Today the world has closed its boarders; people in most places have closed out their homes. Our freedoms globally have been put under constraint. I have been reduced to a small child, whose life is under complete parentage of the government of the day, sadly an authoritarian government whose intentions are not only unpredictable and malicious but hollow in a manner that scares me. As a young girl, growing in Bulawayo, the world outside was resentful but home gave all the comfort. My worry lies with my ‘new’ parent, my government, which continues to take away even the little comfort I need to keep my sanity in this difficult moment. My government has failed me; it has created an economy that has left us as paupers.  As such, it is a struggle to get the precious liquid-water we need to wash our hands and fight Covid-19, a struggle to get electricity so that we can watch TV and keep ourselves entertained, we have no food to eat as we wait for our freedom as mealie meal, our staple food is in shortage. We have to queue for water at a borehole or community bowser and for mealie meal. Social distancing is proving hard for a desperate man to implement. My government has imposed a 21-day lockdown without the necessary measures in place, at the very least of ensuring that we have water supply. We hear of deaths happening in people’s homes yet our government tells us that only one Zimbabwean has succumbed to the Coronavirus. We know it’s not true and we are worried for our dear lives. Our doctors who have been on go-slow for a very long time have downed tools completely. Our nurses have joined in the strike as well. They are demanding a basic need: protective clothing to handle Coronavirus related cases. 

In this entire circus, worrying is an unexplained upsurge of a terrible ‘flu’, many of the people I talk to are down with the ‘flu’ but there are no doctors and nurses to attend to them. The public health system itself collapsed years back and there is no hope for its resuscitation as yet. We are on our own to face this giant yet we feel so vulnerable and hopeless. We have to continue to cling to our beloveds for comfort and hope, as we are shattered and bartered.
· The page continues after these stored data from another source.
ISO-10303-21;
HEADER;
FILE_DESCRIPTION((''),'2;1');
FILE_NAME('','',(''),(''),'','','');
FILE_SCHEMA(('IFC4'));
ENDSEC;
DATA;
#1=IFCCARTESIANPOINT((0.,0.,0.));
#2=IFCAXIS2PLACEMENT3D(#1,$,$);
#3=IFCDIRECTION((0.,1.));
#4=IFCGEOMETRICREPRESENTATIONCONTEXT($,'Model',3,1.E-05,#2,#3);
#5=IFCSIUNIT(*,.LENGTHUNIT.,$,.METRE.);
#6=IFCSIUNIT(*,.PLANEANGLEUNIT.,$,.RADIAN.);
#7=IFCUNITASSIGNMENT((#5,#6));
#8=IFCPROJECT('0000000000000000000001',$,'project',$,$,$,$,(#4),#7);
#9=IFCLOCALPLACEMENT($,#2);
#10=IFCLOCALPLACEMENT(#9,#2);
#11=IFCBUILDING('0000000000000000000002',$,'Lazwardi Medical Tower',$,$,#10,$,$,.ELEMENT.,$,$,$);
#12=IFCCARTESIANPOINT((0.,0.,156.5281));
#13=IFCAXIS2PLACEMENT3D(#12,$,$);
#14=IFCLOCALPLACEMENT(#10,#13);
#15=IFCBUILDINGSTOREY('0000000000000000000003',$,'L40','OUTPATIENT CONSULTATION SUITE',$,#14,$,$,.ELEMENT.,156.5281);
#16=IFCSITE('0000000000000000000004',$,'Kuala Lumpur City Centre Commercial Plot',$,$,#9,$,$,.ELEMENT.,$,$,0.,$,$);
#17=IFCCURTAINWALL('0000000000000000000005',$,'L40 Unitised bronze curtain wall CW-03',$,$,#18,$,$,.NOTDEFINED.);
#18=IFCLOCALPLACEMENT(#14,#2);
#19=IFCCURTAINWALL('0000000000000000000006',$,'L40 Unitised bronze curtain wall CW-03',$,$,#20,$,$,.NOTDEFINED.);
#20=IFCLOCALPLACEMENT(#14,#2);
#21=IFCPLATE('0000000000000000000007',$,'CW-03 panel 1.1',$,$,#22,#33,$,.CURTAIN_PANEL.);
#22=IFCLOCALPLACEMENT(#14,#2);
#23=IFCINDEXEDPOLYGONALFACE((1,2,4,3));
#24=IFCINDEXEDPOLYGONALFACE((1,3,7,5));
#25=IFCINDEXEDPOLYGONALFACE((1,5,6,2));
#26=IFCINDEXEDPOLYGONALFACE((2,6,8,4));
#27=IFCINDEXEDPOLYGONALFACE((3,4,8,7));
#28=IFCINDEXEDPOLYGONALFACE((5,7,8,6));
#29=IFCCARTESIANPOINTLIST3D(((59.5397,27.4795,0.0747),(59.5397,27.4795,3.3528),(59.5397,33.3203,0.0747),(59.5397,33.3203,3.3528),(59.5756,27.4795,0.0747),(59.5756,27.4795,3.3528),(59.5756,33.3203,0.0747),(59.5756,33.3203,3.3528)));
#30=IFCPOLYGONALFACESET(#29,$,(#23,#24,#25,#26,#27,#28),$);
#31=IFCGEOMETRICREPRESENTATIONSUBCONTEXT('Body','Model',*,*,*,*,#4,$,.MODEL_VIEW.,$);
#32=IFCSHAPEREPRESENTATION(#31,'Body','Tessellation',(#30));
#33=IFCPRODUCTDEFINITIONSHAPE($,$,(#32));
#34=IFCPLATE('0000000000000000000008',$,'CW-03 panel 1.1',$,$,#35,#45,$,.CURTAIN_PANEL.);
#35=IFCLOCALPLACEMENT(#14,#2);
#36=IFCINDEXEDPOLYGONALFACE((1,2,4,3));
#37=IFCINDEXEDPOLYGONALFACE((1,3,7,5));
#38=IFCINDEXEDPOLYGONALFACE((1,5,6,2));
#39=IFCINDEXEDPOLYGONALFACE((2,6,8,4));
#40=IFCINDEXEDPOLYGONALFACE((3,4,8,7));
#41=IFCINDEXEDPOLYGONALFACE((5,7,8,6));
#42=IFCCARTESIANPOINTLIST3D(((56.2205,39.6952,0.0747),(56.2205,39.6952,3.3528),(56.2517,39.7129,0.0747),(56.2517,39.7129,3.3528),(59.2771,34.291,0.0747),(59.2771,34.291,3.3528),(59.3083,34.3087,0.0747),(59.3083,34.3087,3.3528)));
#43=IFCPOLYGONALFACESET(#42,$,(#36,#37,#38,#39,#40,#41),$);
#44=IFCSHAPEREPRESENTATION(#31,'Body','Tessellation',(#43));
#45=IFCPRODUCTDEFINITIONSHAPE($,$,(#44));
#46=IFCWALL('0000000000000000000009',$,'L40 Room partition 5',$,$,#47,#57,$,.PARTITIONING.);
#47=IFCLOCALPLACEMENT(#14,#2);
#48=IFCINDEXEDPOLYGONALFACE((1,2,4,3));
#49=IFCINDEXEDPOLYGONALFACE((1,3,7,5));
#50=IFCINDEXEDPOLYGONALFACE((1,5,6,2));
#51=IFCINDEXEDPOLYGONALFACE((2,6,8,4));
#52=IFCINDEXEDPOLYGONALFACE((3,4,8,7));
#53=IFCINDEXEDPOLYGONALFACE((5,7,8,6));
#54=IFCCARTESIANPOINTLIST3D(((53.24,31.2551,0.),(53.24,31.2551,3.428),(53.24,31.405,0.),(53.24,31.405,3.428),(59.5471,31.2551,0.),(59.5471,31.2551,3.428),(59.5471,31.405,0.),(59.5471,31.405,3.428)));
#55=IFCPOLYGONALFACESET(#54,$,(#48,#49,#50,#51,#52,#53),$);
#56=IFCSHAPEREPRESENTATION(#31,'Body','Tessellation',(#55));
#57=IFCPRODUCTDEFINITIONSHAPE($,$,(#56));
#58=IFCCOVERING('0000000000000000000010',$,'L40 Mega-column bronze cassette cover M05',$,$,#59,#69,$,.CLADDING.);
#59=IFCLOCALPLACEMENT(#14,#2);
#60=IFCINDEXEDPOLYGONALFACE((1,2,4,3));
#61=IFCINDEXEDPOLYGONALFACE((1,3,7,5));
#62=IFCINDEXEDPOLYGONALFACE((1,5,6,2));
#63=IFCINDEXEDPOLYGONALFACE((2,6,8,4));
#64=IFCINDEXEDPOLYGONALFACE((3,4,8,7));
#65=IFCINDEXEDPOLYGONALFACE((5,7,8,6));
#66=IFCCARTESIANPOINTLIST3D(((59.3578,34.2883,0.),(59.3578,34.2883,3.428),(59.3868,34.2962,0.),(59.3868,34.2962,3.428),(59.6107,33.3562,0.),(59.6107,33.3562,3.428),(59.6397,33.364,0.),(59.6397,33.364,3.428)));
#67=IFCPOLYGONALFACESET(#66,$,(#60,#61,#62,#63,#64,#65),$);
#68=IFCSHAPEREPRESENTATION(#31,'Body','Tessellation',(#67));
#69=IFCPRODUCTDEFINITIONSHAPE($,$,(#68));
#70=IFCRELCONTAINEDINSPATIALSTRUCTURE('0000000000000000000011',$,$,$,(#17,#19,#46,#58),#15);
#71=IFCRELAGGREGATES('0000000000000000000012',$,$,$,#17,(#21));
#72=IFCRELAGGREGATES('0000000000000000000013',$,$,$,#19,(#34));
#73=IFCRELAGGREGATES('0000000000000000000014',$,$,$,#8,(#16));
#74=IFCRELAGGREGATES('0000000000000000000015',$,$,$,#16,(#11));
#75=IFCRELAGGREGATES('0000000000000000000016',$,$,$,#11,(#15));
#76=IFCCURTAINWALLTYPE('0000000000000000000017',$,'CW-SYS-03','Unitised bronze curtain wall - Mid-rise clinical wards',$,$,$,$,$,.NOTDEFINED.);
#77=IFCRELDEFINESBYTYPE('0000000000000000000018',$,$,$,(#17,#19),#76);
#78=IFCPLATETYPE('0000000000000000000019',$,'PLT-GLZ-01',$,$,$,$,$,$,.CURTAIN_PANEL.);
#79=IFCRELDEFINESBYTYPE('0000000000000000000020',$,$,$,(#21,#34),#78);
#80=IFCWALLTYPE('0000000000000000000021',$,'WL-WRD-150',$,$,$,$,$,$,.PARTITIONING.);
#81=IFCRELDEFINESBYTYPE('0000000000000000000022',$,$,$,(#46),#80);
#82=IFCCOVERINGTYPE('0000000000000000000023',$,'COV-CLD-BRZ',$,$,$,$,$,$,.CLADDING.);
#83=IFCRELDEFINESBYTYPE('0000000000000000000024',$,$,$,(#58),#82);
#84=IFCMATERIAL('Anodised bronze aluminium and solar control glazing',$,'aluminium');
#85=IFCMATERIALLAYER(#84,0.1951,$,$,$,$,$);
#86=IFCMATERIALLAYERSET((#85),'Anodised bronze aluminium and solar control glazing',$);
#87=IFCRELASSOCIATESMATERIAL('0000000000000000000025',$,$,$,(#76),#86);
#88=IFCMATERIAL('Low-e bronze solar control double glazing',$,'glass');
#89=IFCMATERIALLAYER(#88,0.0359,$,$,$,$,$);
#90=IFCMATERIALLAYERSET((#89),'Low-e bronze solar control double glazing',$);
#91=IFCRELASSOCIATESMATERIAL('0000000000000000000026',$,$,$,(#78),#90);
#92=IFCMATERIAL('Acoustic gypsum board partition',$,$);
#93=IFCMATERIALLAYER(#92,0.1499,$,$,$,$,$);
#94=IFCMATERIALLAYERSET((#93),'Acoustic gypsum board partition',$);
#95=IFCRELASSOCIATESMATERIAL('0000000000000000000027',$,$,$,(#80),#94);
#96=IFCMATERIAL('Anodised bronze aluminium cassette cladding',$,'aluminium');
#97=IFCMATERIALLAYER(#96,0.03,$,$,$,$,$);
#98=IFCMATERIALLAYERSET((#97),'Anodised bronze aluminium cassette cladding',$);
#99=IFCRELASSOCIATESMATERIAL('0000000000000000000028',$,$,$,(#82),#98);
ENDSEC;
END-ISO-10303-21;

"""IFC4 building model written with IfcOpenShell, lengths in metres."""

from ifc_helpers import new_model, si_unit, direction, frame, frame_2d, origin, origin_2d, place, context, subcontext, project, spatial, rectangle, extrude, material, layer, layer_set, type_object, element, aggregate, save


model = new_model("IFC4")

# Units and contexts
model_context = context("Model", 3, precision=1e-05, world=origin(), true_north=direction((0.0, 1.0)))
body_context = subcontext(model_context, "Body", "Model", "MODEL_VIEW")
ifc_project = project(units=[si_unit("LENGTHUNIT", "METRE"), si_unit("PLANEANGLEUNIT", "RADIAN")], contexts=[model_context])

# Site, building, storey
site_placement = place(None, origin())
site = spatial("IfcSite", under=ifc_project, at=site_placement, Name="Kuala Lumpur City Centre Commercial Plot", CompositionType="ELEMENT", RefElevation=0.0)
building_placement = place(site_placement, origin())
building = spatial("IfcBuilding", under=site, at=building_placement, Name="Lazwardi Medical Tower", CompositionType="ELEMENT")
storey_placement = place(building_placement, frame((0.0, 0.0, 156.5281)))
storey = spatial("IfcBuildingStorey", under=building, at=storey_placement, Name="L40", Description="OUTPATIENT CONSULTATION SUITE", CompositionType="ELEMENT", Elevation=156.5281)

# Curtain wall
ifc_material_1 = material(Name="Anodised bronze aluminium and solar control glazing", Category="aluminium")
ifc_layer_1 = layer(ifc_material_1, 0.1951)
ifc_layer_set_1 = layer_set([ifc_layer_1], Name="Anodised bronze aluminium and solar control glazing")
curtain_wall_type = type_object("IfcCurtainWallType", Name="CW-SYS-03", Description="Unitised bronze curtain wall - Mid-rise clinical wards", PredefinedType="NOTDEFINED", material=ifc_layer_set_1)
curtain_wall_1_placement = place(storey_placement, origin())
curtain_wall_1 = element("IfcCurtainWall", 1, at=curtain_wall_1_placement, inside=storey, type_object=curtain_wall_type, Name="L40 Unitised bronze curtain wall CW-03", PredefinedType="NOTDEFINED")

# Curtain wall
curtain_wall_2_placement = place(storey_placement, origin())
curtain_wall_2 = element("IfcCurtainWall", 2, at=curtain_wall_2_placement, inside=storey, type_object=curtain_wall_type, Name="L40 Unitised bronze curtain wall CW-03", PredefinedType="NOTDEFINED")

# Plates
ifc_material_2 = material(Name="Low-e bronze solar control double glazing", Category="glass")
ifc_layer_2 = layer(ifc_material_2, 0.0359)
ifc_layer_set_2 = layer_set([ifc_layer_2], Name="Low-e bronze solar control double glazing")
plate_type = type_object("IfcPlateType", Name="PLT-GLZ-01", PredefinedType="CURTAIN_PANEL", material=ifc_layer_set_2)
plate_1_placement = place(storey_placement, frame((59.5576, 30.3999, 0.0747), z_axis=(0.0, 0.0, 1.0), x_axis=(0.0, 1.0, 0.0)))
plate_1 = element("IfcPlate", 3, at=plate_1_placement, type_object=plate_type, Name="CW-03 panel 1.1", PredefinedType="CURTAIN_PANEL", context=body_context, shape_type="SweptSolid", body=[
    extrude(rectangle(XDim=5.8408, YDim=0.0359, at=origin_2d()), origin(), (0.0, 0.0, 1.0), 3.2781),
])
aggregate(curtain_wall_1, [plate_1])
plate_2_placement = place(storey_placement, frame((57.7644, 37.002, 0.0747), z_axis=(0.0, 0.0, 1.0), x_axis=(-0.492312, 0.870419, 0.0)))
plate_2 = element("IfcPlate", 4, at=plate_2_placement, type_object=plate_type, Name="CW-03 panel 1.1", PredefinedType="CURTAIN_PANEL", context=body_context, shape_type="SweptSolid", body=[
    extrude(rectangle(XDim=6.2087, YDim=0.0359, at=origin_2d()), origin(), (0.0, 0.0, 1.0), 3.2781),
])
aggregate(curtain_wall_2, [plate_2])

# Wall
ifc_material_3 = material(Name="Acoustic gypsum board partition")
ifc_layer_3 = layer(ifc_material_3, 0.1499)
ifc_layer_set_3 = layer_set([ifc_layer_3], Name="Acoustic gypsum board partition")
wall_type = type_object("IfcWallType", Name="WL-WRD-150", PredefinedType="PARTITIONING", material=ifc_layer_set_3)
wall_placement = place(storey_placement, frame((53.24, 31.3301, 0.0), z_axis=(0.0, 0.0, 1.0), x_axis=(1.0, 0.0, 0.0)))
element("IfcWall", 5, at=wall_placement, inside=storey, type_object=wall_type, Name="L40 Room partition 5", PredefinedType="PARTITIONING", context=body_context, shape_type="SweptSolid", body=[
    extrude(rectangle(XDim=6.3071, YDim=0.1499, at=frame_2d((3.1536, 0.0))), origin(), (0.0, 0.0, 1.0), 3.428),
])

# Covering
ifc_material_4 = material(Name="Anodised bronze aluminium cassette cladding", Category="aluminium")
ifc_layer_4 = layer(ifc_material_4, 0.03)
ifc_layer_set_4 = layer_set([ifc_layer_4], Name="Anodised bronze aluminium cassette cladding")
covering_type = type_object("IfcCoveringType", Name="COV-CLD-BRZ", PredefinedType="CLADDING", material=ifc_layer_set_4)
covering_placement = place(storey_placement, frame((59.4988, 33.8262, 0.0), z_axis=(0.0, 0.0, 1.0), x_axis=(-0.261829, 0.965114, 0.0)))
element("IfcCovering", 6, at=covering_placement, inside=storey, type_object=covering_type, Name="L40 Mega-column bronze cassette cover M05", PredefinedType="CLADDING", context=body_context, shape_type="SweptSolid", body=[
    extrude(rectangle(XDim=0.9658, YDim=0.03, at=origin_2d()), origin(), (0.0, 0.0, 1.0), 3.428),
])

save(model, "model.ifc")
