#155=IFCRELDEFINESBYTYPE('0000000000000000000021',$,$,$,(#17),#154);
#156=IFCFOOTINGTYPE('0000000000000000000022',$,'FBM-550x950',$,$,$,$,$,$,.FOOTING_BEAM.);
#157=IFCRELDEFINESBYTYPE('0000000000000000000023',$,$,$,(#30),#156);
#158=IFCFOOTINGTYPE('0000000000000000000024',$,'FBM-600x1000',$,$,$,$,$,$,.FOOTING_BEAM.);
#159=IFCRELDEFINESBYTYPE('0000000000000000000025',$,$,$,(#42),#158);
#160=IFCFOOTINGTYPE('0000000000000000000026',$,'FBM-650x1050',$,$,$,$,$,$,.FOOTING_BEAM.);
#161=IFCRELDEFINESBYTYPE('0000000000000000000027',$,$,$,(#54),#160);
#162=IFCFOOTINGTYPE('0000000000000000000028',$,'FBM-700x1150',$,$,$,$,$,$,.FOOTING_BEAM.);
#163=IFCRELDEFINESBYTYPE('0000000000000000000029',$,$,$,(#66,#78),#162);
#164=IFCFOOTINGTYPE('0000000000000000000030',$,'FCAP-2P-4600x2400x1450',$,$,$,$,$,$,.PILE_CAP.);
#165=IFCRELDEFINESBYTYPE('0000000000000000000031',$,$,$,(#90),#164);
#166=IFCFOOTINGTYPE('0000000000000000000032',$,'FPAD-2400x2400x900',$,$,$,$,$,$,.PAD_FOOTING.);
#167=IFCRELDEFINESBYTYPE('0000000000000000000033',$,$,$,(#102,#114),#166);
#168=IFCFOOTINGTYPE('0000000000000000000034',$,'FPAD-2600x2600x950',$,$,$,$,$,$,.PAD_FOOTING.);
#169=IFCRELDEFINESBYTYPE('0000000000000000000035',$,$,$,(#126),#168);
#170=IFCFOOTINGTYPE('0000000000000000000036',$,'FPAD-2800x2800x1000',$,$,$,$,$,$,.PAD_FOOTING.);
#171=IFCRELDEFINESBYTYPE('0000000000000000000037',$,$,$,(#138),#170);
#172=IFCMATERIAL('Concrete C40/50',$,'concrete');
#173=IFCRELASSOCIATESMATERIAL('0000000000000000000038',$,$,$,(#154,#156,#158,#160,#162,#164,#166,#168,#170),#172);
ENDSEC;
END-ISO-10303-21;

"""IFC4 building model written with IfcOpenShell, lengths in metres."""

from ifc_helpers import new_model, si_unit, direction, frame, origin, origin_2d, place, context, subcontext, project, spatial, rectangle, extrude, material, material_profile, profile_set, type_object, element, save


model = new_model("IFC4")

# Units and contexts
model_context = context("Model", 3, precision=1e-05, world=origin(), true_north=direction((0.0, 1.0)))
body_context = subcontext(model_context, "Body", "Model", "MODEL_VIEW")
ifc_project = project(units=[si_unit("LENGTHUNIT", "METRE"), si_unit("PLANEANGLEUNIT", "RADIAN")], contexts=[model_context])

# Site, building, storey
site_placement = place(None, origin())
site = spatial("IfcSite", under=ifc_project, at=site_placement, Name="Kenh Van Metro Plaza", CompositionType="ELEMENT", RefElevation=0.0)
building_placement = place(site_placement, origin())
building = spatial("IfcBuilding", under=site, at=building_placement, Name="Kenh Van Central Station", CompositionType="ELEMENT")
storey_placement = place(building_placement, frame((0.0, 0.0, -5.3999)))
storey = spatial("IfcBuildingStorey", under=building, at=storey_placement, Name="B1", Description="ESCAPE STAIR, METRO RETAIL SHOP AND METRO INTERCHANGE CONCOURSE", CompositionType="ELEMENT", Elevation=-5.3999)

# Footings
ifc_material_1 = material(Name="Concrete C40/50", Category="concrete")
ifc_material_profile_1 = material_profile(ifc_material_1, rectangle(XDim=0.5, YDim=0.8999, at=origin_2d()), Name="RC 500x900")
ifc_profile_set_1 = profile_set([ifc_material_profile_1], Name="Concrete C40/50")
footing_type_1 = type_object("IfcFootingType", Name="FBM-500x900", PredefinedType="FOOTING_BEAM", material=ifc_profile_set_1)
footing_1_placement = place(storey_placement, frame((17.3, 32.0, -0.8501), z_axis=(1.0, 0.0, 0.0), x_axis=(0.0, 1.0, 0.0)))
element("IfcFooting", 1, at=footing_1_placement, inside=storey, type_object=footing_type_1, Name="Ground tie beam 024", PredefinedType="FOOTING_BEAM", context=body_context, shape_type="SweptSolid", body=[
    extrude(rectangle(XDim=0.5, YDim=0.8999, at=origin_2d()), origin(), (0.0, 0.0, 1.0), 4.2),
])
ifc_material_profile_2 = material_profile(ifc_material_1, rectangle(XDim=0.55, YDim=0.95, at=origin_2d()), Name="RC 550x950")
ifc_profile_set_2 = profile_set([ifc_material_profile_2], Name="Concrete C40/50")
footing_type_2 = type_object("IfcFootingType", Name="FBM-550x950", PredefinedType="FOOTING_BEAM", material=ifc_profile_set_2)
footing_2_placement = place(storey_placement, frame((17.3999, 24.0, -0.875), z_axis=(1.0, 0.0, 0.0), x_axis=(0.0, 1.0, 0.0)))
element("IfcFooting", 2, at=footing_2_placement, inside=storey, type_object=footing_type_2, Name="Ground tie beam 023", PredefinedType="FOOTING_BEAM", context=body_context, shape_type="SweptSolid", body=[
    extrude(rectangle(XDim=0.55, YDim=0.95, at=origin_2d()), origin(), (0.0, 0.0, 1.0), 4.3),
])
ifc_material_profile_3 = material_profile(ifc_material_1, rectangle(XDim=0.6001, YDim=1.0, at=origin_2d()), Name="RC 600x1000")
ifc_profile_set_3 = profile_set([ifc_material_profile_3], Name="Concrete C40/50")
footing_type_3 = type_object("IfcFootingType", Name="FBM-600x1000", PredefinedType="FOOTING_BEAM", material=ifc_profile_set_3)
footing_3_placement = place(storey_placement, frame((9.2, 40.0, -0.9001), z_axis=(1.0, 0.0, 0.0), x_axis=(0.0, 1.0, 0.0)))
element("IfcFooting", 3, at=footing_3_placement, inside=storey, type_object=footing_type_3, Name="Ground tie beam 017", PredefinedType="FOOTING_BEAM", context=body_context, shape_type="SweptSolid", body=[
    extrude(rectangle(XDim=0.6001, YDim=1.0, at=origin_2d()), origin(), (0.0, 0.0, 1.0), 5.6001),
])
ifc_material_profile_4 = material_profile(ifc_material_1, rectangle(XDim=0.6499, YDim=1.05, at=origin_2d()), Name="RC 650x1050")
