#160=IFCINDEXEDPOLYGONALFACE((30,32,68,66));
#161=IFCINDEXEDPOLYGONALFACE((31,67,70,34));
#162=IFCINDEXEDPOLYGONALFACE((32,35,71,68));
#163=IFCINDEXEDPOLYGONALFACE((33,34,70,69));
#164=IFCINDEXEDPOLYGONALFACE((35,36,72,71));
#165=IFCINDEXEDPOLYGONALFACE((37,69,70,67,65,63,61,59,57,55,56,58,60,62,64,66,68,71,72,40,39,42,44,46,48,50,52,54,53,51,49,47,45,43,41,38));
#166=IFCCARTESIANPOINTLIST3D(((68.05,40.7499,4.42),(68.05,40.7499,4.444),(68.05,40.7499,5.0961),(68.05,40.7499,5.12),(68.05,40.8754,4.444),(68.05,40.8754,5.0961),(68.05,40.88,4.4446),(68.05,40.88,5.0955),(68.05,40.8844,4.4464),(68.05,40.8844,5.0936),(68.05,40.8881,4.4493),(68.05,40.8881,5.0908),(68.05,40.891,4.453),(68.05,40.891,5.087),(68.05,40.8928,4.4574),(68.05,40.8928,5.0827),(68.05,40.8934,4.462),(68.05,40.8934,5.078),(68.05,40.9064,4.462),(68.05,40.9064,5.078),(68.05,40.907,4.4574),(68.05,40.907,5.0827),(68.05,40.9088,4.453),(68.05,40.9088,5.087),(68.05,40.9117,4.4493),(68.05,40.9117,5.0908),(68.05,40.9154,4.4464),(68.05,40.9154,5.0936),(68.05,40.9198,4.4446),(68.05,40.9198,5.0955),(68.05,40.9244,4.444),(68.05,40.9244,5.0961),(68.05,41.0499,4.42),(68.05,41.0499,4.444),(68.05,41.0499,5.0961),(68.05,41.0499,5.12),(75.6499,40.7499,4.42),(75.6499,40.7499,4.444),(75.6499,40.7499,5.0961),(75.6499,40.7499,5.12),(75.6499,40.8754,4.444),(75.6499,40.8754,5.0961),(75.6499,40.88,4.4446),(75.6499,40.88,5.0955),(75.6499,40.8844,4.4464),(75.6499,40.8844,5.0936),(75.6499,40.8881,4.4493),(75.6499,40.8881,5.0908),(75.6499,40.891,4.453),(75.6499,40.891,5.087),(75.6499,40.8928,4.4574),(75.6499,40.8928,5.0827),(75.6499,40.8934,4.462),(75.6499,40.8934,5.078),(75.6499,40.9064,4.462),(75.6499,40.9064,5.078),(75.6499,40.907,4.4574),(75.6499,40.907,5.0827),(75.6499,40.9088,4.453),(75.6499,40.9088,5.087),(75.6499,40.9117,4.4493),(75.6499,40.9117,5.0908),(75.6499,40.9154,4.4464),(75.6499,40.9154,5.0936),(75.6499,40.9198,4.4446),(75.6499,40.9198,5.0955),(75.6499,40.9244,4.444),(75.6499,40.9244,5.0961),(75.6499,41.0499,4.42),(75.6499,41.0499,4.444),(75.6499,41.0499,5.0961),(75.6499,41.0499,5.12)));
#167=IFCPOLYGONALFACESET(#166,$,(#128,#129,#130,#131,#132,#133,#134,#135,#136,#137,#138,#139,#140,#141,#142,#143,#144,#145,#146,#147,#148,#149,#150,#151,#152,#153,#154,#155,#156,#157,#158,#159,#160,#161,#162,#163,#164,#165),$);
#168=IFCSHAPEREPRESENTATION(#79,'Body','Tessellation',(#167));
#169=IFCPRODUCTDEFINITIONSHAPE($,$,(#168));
We are in this mess because our government let us down over the years and there is no somersault that can be done overnight  to mend a battered health care system, a system destroyed by decades of mismanagement and corruption. As such, we only have ruins left, of a once glorified public health care system, in a country with more than 95% unemployment and an unyieldingly tumultuous economy.

In all this pain, there is one good thing. The world has closed its boarders. We are ‘quarantined’ together with our leaders. Sadly and in a typical fashion my government is already investing in a state of the art facility, not for us, but to carter for themselves and their health as they cannot leave for China, Singapore and South Africa among other countries. I can only pray and hope that this will be a lesson to my African leaders that a home they create should be a home they are willing to die in.